I have never had a problem trimming the nails on any of my dogs till I got Kris. She is two and a half years old and it is still a problem clipping her nails even though I have been working on it since she was a puppy. I thought I had it licked when I just stood her and picked up her feet like you do a horse and clipped her nails. Now she has started to flop down on the ground and won't get up and I definitely cannot do them while she is lying down. I did buy a dremel but so far have not had any better luck trying to use it. I am going to go out and buy a new set of nail clippers today as I am wondering if mine are getting a little dull and maybe pinching her nails more and see if that helps. She has black nails and they grow really fast. She has never been quicked or hurt in any way having them cut.


----------



## SamiSaysRawr (May 26, 2012)

I do Rosie's while I'm feeding her so she is distracted with eating. Since she's terrified of nail clippers I use a grinder. (my fault, I cut the quick :/, then brought her to the vet _who did the same thing_. Apparently she has really long quicks. )
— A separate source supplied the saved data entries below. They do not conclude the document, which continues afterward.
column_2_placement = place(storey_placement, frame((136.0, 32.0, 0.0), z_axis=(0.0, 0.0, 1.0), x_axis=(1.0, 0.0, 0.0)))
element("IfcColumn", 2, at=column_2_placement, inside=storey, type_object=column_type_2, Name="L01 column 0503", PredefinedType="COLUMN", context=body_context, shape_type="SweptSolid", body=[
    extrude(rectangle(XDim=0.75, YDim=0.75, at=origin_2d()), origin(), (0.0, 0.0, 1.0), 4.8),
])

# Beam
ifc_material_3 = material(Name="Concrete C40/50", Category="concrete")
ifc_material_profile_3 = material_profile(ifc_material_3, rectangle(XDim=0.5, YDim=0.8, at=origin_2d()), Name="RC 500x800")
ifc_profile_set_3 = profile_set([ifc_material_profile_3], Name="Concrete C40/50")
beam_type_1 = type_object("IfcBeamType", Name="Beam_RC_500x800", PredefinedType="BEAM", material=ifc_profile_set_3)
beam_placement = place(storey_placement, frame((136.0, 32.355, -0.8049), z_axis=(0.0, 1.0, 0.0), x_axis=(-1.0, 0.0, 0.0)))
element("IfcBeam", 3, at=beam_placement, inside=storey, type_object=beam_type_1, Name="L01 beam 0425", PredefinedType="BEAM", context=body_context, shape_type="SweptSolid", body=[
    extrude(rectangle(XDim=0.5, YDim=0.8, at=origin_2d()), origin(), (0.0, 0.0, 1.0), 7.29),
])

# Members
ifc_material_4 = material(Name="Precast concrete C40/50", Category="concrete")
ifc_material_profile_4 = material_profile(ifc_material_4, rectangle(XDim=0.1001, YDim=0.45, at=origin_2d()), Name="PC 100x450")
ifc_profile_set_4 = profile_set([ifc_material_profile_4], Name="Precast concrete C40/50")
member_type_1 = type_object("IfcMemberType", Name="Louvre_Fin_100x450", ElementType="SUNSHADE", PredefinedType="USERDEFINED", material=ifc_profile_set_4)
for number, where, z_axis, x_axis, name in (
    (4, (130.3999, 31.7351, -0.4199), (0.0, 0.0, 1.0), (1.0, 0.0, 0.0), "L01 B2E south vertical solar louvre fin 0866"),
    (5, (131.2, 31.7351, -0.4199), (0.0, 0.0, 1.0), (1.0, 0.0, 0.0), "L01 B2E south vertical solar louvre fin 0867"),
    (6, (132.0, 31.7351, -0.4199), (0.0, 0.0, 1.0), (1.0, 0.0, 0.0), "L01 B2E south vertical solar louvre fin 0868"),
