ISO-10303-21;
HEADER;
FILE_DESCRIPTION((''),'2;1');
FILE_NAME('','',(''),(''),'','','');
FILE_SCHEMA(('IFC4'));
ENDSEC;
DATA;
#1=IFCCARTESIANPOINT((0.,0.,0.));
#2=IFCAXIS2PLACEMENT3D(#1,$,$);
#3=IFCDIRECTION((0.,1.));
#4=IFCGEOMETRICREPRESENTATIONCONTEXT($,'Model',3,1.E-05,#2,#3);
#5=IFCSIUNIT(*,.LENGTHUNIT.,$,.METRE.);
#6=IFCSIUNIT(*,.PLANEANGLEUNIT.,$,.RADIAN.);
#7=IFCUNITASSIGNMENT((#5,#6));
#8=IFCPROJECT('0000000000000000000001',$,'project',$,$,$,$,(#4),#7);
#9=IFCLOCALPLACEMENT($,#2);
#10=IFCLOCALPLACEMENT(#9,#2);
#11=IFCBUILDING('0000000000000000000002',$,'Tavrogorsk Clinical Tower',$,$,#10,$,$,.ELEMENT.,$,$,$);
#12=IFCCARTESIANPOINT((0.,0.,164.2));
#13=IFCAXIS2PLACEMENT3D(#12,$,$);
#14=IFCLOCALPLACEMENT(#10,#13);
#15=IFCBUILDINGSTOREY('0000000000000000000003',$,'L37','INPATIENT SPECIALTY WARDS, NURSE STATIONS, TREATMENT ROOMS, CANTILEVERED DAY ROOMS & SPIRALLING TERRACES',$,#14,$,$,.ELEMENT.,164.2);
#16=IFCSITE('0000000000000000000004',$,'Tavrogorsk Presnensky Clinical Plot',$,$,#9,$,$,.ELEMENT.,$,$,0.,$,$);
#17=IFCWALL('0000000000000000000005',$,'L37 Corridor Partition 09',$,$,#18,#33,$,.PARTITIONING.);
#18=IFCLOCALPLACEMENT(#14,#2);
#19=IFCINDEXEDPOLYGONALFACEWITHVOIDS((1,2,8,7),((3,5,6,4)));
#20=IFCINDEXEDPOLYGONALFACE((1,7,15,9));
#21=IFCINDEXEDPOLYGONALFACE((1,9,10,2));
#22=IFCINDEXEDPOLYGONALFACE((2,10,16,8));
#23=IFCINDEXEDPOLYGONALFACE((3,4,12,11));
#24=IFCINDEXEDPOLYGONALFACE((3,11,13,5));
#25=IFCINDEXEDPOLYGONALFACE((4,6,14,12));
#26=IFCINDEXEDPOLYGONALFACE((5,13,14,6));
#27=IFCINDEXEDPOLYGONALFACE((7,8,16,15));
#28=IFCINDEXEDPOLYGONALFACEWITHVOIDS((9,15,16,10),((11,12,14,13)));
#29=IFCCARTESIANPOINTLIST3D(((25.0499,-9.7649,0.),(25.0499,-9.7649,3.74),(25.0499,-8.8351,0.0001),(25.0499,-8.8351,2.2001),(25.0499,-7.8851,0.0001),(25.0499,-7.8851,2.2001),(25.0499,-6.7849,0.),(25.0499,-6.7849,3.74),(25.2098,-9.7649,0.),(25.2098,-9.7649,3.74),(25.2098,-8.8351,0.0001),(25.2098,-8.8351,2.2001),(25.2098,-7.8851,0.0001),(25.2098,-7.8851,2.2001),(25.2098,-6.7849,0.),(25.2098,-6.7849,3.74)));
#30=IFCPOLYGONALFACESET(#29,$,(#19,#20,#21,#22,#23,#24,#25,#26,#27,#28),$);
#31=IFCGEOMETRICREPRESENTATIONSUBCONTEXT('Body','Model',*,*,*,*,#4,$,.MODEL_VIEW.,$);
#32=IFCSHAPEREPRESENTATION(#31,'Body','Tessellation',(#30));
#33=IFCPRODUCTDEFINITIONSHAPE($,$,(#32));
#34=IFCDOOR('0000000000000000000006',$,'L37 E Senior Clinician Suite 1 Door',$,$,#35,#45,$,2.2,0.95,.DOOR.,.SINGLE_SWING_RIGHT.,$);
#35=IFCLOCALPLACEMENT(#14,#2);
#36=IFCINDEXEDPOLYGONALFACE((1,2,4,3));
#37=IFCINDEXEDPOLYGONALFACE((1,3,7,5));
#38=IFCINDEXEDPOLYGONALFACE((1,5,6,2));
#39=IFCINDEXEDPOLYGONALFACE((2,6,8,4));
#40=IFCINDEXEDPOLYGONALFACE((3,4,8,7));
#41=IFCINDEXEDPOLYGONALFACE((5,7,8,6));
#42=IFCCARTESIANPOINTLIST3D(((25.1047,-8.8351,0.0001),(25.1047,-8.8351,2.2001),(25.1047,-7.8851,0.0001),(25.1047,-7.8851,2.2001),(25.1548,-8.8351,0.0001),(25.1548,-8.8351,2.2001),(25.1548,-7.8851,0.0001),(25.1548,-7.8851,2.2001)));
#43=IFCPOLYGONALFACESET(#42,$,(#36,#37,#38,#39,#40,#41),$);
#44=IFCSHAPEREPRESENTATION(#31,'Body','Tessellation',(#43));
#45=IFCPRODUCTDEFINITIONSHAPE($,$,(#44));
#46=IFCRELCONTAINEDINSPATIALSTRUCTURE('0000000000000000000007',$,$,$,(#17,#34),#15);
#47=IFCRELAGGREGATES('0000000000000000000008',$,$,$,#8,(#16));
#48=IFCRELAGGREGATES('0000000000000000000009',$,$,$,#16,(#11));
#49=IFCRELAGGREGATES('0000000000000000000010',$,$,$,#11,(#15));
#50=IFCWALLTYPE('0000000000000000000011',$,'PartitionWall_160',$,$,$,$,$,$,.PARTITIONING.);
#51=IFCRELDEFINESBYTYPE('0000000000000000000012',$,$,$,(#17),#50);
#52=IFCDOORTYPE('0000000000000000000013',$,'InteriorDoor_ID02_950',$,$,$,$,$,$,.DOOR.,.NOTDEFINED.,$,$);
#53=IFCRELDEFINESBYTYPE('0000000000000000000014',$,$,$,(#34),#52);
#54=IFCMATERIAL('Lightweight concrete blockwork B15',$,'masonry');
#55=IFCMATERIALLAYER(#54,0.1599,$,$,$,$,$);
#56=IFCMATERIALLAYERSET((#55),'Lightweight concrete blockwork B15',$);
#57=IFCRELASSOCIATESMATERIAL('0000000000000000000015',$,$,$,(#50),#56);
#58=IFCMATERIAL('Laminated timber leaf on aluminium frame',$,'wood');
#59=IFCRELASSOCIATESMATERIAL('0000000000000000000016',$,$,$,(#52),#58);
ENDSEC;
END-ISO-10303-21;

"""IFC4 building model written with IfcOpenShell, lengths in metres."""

from ifc_helpers import new_model, si_unit, direction, frame, frame_2d, origin, place, context, subcontext, project, spatial, rectangle, extrude, material, layer, layer_set, type_object, element, fill, save


model = new_model("IFC4")

# Units and contexts
model_context = context("Model", 3, precision=1e-05, world=origin(), true_north=direction((0.0, 1.0)))
body_context = subcontext(model_context, "Body", "Model", "MODEL_VIEW")
ifc_project = project(units=[si_unit("LENGTHUNIT", "METRE"), si_unit("PLANEANGLEUNIT", "RADIAN")], contexts=[model_context])

# Site, building, storey
site_placement = place(None, origin())
site = spatial("IfcSite", under=ifc_project, at=site_placement, Name="Tavrogorsk Presnensky Clinical Plot", CompositionType="ELEMENT", RefElevation=0.0)
building_placement = place(site_placement, origin())
building = spatial("IfcBuilding", under=site, at=building_placement, Name="Tavrogorsk Clinical Tower", CompositionType="ELEMENT")
storey_placement = place(building_placement, frame((0.0, 0.0, 164.2)))
storey = spatial("IfcBuildingStorey", under=building, at=storey_placement, Name="L37", Description="INPATIENT SPECIALTY WARDS, NURSE STATIONS, TREATMENT ROOMS, CANTILEVERED DAY ROOMS & SPIRALLING TERRACES", CompositionType="ELEMENT", Elevation=164.2)

# Wall, opening, door
ifc_material_1 = material(Name="Lightweight concrete blockwork B15", Category="masonry")
ifc_layer = layer(ifc_material_1, 0.1599)
ifc_layer_set = layer_set([ifc_layer], Name="Lightweight concrete blockwork B15")
wall_type = type_object("IfcWallType", Name="PartitionWall_160", PredefinedType="PARTITIONING", material=ifc_layer_set)
wall_1_placement = place(storey_placement, frame((25.1299, -6.7849, 0.0), z_axis=(0.0, 0.0, 1.0), x_axis=(0.0, -1.0, 0.0)))
wall_1 = element("IfcWall", 1, at=wall_1_placement, inside=storey, type_object=wall_type, Name="L37 Corridor Partition 09", PredefinedType="PARTITIONING", context=body_context, shape_type="SweptSolid", body=[
    extrude(rectangle(XDim=2.98, YDim=0.1599, at=frame_2d((1.49, 0.0))), origin(), (0.0, 0.0, 1.0), 3.74),
])
opening_1_placement = place(wall_1_placement, frame((1.1001, 0.0, 0.0)))
opening_1 = element("IfcOpeningElement", 2, at=opening_1_placement, cuts=wall_1, PredefinedType="OPENING", context=body_context, shape_type="SweptSolid", body=[
    extrude(rectangle(XDim=0.95, YDim=2.2, at=frame_2d((0.4751, 1.1001))), frame((0.0, 0.0898, 0.0), z_axis=(0.0, -1.0, 0.0), x_axis=(1.0, 0.0, 0.0)), (0.0, 0.0, 1.0), 0.1799),
])
ifc_material_2 = material(Name="Laminated timber leaf on aluminium frame", Category="wood")
door_type_1 = type_object("IfcDoorType", Name="InteriorDoor_ID02_950", OperationType="NOTDEFINED", PredefinedType="DOOR", material=ifc_material_2)
door_1_placement = place(opening_1_placement, origin())
door_1 = element("IfcDoor", 3, at=door_1_placement, inside=storey, type_object=door_type_1, Name="L37 E Senior Clinician Suite 1 Door", OperationType="SINGLE_SWING_RIGHT", OverallHeight=2.2, OverallWidth=0.95, PredefinedType="DOOR", context=body_context, shape_type="SweptSolid", body=[
    extrude(rectangle(XDim=0.95, YDim=2.2, at=frame_2d((0.4751, 1.1001))), frame((0.0, 0.0249, 0.0), z_axis=(0.0, -1.0, 0.0), x_axis=(1.0, 0.0, 0.0)), (0.0, 0.0, 1.0), 0.05),
])
fill(opening_1, door_1)

save(model, "model.ifc")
Bran lies upside down on my knee to get them done without a care in the world. I use nail clippers for him because he doesn't really like the noise and feel of the grinder.


----------



## kadylady (Sep 23, 2010)

Zoey is my pain for nails. She hates having her feet handled. Ever since I got her at 5 months old, and even more now since she fractured her toe, she is worse about having her feet handled. Her nails are very thick and hard and even when I just barely clip the tips she still flinches each and every time. I usually clip the tips then dremel, but its a very unpleasant process for us both.

The other 2 are both really good, for both dremel and clippers. Luke loves nail clipping time, he's a total breeze. Skye is getting better and better and each time. I do the same with them, clip and then dremel.


----------



## jade5280 (Feb 20, 2013)

Ryker doesn't mind having his feet handled because I worked a ton on counter conditioning him to it to get him to accept nail clipping easier, but as soon as I start to clip it's all over. Gypsy doesn't care at all what I do her. She's SO easy in the aspect.


----------



## pawsaddict (Apr 17, 2013)

jade5280 said:


> Ryker doesn't mind having his feet handled because I worked a ton on counter conditioning him to it to get him to accept nail clipping easier, but as soon as I start to clip it's all over. Gypsy doesn't care at all what I do her. She's SO easy in the aspect.
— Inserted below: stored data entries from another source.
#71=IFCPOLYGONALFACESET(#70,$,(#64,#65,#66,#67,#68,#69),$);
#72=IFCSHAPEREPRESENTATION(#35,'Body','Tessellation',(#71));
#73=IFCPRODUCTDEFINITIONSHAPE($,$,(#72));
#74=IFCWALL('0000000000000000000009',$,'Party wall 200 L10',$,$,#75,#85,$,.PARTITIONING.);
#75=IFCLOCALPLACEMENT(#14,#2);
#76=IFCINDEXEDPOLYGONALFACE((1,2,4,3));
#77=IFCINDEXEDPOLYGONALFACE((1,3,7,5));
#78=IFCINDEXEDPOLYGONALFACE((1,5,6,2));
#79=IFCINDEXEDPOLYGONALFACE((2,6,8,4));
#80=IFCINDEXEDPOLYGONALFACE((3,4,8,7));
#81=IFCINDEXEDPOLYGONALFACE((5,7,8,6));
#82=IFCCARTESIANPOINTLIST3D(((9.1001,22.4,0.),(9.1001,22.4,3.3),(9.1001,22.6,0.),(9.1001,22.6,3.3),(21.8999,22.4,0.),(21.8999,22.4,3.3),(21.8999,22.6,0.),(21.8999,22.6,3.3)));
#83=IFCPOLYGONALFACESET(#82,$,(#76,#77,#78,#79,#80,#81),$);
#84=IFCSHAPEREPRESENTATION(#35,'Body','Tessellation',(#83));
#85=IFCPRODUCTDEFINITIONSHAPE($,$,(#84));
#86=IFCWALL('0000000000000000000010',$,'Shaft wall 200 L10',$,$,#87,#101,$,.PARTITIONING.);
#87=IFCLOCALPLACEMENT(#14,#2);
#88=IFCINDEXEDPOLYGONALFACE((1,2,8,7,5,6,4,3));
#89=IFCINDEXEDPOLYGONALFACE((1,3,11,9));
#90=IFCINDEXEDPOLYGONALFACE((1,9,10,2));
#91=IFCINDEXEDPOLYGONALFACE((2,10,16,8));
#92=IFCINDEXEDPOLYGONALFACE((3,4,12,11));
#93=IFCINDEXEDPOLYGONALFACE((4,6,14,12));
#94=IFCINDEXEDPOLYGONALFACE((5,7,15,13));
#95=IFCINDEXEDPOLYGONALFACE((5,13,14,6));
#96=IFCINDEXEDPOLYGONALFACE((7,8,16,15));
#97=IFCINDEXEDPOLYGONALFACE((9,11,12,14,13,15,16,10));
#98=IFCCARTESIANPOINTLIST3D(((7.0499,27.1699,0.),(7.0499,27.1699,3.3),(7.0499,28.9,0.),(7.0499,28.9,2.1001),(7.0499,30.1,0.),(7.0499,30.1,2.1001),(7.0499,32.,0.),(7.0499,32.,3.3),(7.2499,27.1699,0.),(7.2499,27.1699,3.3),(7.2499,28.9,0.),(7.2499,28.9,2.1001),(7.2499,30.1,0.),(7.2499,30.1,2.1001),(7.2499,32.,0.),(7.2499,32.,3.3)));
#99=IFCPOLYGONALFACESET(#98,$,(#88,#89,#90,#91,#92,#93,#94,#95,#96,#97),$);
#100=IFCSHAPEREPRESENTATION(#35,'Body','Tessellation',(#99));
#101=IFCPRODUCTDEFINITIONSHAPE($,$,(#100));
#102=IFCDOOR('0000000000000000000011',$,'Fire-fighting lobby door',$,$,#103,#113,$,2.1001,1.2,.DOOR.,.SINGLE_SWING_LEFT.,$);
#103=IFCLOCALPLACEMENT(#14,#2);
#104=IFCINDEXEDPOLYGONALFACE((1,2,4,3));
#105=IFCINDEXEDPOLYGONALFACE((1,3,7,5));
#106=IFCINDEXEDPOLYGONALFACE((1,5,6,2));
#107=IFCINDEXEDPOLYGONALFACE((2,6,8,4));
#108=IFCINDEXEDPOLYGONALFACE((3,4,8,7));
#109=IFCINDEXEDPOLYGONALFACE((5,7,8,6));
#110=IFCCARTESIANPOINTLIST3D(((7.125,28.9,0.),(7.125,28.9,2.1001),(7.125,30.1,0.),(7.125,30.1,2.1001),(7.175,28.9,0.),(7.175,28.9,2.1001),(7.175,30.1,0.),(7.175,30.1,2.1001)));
Yep, about twice a year I have to trim Marley's paw fur. Even me just touching the tips of the fur with these teeny tiny scissors bothers her. She will always pull away. I always do it when she is really tired, but even then it takes a very long time with multiple calming breaks to tidy up her paws. And she has never had a bad experience with those. She just really dislikes instruments near her paws. 

She actually prefers the dremel to the clippers, though. Possibly because my stress is way lower when using the dremel. With the clippers, it would take over 30mins to get one nail "done".
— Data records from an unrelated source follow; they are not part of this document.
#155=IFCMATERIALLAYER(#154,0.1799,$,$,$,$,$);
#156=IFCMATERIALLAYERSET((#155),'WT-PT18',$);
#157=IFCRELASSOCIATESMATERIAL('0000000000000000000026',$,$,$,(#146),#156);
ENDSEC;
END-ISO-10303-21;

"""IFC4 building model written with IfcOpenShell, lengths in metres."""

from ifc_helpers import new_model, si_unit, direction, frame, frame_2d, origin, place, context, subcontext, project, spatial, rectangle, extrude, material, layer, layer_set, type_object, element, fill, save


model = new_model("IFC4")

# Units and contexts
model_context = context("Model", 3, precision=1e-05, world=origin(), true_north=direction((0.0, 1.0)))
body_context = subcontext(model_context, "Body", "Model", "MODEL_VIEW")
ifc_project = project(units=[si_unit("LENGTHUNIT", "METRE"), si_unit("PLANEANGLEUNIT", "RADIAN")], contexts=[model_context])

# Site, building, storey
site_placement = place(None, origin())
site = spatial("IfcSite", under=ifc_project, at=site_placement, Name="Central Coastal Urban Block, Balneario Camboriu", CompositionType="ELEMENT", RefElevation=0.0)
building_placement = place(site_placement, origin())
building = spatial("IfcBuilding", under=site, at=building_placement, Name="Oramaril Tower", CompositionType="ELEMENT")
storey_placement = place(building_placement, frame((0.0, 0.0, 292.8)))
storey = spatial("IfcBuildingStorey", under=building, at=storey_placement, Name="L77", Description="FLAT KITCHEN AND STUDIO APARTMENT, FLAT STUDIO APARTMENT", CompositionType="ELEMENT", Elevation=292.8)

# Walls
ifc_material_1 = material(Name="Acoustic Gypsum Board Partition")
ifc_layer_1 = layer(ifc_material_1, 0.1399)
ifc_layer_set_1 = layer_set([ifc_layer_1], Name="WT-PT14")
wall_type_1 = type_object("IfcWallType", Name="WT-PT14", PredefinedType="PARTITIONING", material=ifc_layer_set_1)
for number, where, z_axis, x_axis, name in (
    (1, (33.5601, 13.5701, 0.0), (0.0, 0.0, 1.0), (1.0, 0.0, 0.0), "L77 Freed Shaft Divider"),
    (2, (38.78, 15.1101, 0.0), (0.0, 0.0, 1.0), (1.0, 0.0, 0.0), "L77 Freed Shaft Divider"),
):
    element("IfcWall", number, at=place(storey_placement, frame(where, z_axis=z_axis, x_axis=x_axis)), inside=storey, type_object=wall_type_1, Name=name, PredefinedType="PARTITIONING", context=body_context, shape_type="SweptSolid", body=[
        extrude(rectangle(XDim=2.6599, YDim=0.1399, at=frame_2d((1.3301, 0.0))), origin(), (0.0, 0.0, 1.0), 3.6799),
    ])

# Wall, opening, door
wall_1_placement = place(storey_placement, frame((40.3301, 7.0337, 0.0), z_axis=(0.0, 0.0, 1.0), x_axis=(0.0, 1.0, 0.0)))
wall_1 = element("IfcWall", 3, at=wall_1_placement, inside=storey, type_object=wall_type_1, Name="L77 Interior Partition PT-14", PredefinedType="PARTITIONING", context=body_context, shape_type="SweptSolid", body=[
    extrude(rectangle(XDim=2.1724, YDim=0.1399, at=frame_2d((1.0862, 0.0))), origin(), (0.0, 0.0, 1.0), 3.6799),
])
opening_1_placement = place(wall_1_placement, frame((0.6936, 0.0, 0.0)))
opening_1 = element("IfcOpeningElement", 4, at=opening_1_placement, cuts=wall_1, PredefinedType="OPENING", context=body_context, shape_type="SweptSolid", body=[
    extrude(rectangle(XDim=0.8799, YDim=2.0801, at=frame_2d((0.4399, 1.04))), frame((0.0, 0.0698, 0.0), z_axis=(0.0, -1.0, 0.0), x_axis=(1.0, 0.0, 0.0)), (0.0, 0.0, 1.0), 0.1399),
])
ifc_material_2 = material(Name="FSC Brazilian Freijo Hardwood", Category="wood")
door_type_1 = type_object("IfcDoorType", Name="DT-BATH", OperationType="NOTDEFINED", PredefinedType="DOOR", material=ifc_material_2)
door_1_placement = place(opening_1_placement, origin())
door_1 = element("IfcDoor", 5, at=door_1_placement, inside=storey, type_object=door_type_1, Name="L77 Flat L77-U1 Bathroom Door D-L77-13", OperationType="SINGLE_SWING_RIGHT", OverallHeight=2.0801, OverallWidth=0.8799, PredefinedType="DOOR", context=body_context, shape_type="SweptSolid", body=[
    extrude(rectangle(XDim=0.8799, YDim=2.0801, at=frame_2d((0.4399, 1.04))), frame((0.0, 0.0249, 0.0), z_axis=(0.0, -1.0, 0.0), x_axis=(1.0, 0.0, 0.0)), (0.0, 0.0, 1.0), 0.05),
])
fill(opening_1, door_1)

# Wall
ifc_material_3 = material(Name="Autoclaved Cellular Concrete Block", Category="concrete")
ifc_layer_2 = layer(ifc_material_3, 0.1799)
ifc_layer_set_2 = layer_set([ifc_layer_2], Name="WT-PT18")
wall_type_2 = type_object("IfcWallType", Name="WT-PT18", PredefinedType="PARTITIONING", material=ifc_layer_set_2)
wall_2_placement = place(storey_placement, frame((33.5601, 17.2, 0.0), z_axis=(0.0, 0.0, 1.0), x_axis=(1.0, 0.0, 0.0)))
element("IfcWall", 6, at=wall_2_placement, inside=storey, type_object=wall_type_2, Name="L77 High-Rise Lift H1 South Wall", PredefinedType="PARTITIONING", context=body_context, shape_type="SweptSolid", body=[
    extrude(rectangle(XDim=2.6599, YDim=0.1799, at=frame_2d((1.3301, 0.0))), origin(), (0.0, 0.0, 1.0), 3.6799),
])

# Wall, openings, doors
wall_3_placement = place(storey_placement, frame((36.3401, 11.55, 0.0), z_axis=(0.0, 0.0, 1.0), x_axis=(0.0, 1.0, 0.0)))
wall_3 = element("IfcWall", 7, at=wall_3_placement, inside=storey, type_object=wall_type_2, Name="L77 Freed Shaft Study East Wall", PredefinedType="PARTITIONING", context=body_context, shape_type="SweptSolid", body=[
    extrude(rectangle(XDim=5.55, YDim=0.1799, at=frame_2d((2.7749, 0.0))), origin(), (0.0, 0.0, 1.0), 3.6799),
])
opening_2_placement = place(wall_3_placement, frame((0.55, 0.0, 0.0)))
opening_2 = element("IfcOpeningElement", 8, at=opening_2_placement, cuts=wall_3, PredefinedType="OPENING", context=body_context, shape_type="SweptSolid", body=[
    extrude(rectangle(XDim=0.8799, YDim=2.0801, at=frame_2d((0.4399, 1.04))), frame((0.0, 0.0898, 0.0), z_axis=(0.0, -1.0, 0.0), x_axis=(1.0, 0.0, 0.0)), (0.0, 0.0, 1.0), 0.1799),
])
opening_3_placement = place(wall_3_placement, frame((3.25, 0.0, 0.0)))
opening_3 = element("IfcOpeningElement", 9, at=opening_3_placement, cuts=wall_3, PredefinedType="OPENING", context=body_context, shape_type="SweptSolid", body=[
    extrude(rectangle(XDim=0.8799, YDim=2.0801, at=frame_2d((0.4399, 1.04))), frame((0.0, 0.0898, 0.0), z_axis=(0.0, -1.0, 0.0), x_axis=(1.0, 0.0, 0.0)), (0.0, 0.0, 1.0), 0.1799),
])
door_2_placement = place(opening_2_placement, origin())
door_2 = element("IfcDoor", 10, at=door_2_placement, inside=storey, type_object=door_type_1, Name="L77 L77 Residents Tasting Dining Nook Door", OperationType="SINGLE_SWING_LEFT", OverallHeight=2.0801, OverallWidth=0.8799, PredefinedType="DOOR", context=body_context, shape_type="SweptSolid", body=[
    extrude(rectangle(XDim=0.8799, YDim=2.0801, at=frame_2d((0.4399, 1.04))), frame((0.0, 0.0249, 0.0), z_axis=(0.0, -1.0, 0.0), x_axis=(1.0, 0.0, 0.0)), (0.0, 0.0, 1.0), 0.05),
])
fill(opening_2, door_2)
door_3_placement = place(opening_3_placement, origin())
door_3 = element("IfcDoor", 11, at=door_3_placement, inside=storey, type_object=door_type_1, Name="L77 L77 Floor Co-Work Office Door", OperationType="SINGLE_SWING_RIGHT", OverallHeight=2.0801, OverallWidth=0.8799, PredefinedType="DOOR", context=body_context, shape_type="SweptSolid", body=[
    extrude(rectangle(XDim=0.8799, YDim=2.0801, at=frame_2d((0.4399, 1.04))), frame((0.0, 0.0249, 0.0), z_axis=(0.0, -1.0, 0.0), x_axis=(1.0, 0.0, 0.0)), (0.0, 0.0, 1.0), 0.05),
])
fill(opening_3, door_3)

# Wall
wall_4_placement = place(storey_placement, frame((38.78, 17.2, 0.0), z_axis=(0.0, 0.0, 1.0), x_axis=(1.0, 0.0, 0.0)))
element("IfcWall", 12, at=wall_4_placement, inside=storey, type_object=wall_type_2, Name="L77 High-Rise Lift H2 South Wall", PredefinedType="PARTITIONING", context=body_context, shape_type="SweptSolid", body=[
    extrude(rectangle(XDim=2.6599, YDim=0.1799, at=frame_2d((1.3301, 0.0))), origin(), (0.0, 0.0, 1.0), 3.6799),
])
When I dremel, I spend very little time on a nail to avoid overheating (she squirms so much that overheating is really a non-issue anyways). I also check frequently to see where I am in relation to the quick.

I try and stay as calm as possible, but she gets AMPED up as soon as she sees food. It's like a blessing and a curse. I need her to be distracted by food to get near the nail, but she just loves all food so much that she gets too excited and is super bouncy. Different feeding techniques and different foods don't change the end result....which is "give me food!!!". 

I don't know if it is excitement to get the food paired with the fear of having her nails done, but she loses all impulse control. And that only happens at nail time. Otherwise, I can throw food around and have her wait and leave it. Maybe SO and I have inadvertently trained her to be a maniac by offering her food no matter what her behavior was like at the beginning of the CCg process. We just needed those nails done. I think that has backfired on us in a bad way.

She will not lay on her back. That is very uncomfortable for her. SO usually waits fer her to offer a down or a sit and I hold her paw and go in for the nail. Then, like clockwork, she squirms. 

We are going to make the scratching pad tonight and start giving that a shot. I really hope it helps, even just a little bit.


----------



## Hector4 (Sep 16, 2013)

There's a group on facebook: nail maintenance for dogs.


----------



## pawsaddict (Apr 17, 2013)

Thanks! I'll definitely check it out.


----------



## ForTheLoveOfDogs (Jun 3, 2007)

I occasionally have to clip dog nails at work, and it is definitely not fun with black nails. I have no issues clipping my own dogs nails because I know them and I know how short they can go. Kairi has always been a breeze and never gave me any crap about it.

Ember on the other hand will pull away and fight me a bit, despite getting a mouth full of cookies from the very start. She does much better after I traumatize her with a bath and put her on a grooming table. She must be too worried about being on the table. Has anyone considered trying those hanging sling/vest things so that the dog can't really move? I wonder if they work.


----------



## pawsaddict (Apr 17, 2013)

I'm not sure I know what you're referring to, FTLOD. Pictures?


----------



## ForTheLoveOfDogs (Jun 3, 2007)

pawsaddict said:


> I'm not sure I know what you're referring to, FTLOD. Pictures?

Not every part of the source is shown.